Better performance from reasoning models using the Responses API (cookbook)

I am unclear about when one can reuse the reasoning output and when not.

In the cookbook one builds a context using a first request to the API.

Is that how we are supposed to do it in production: make a first request which returns a tool call then make another request to the API with the first request history + response? or is the history including reasoning output saved in state and we only need to pass the message_id of the response including the reasoning output as context?

1 Like

include Responses API parameter:

Specify additional output data to include in the model response. Currently supported values are:

  • reasoning.encrypted_content: Includes an encrypted version of reasoning tokens in reasoning item outputs. This enables reasoning items to be used in multi-turn conversations when using the Responses API statelessly (like when the store parameter is set to false, or when an organization is enrolled in the zero data retention program).
    ..

Then for returning what the assistant produced, it is not “assistant” that gets constructed, but one of many “item” types, needing a dozen expansions in the API reference:

“ID” requires “store” even if not using the stateful server-side response.

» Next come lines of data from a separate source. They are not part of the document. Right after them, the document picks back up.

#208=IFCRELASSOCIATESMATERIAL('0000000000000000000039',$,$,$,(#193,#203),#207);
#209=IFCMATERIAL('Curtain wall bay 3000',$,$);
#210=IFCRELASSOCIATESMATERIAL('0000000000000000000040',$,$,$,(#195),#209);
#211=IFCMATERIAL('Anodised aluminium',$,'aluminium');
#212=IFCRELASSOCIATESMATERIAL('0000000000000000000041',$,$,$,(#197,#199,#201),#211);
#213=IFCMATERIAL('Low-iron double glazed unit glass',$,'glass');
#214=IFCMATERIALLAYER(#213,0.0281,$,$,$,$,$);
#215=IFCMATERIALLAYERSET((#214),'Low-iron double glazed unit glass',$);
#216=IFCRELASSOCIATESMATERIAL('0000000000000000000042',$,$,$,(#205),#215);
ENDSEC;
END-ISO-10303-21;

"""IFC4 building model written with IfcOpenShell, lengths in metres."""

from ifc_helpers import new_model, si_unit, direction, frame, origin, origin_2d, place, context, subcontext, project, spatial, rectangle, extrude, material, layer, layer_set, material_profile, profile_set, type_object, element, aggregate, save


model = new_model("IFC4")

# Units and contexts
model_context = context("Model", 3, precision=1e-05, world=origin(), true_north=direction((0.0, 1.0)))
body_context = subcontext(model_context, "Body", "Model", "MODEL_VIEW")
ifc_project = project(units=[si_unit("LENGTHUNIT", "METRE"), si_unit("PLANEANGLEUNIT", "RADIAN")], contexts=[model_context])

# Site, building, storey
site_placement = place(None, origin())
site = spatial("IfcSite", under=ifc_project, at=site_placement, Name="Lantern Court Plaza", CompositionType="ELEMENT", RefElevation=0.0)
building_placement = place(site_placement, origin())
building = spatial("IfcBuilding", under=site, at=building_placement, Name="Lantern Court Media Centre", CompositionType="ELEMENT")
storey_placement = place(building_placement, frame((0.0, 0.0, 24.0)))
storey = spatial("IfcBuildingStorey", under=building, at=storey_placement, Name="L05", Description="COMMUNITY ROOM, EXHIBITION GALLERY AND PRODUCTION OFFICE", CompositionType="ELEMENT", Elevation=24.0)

Then it is a question not about “when” but about “why”. What is the benefit of a bunch of model thinking and deliberating consuming context length on later inputs? It’s been demonstrated on multi-step reasoning chain-of-thought, one can even strip the start of the funnel of knowledge while it is being generated and still get good output.

Reasoning is not tool calls, which MUST be preserved in chat history for an extended length. Otherwise you could train an AI to answer without using them or have a conversation that looks like the user request was not satisfied by real-world action.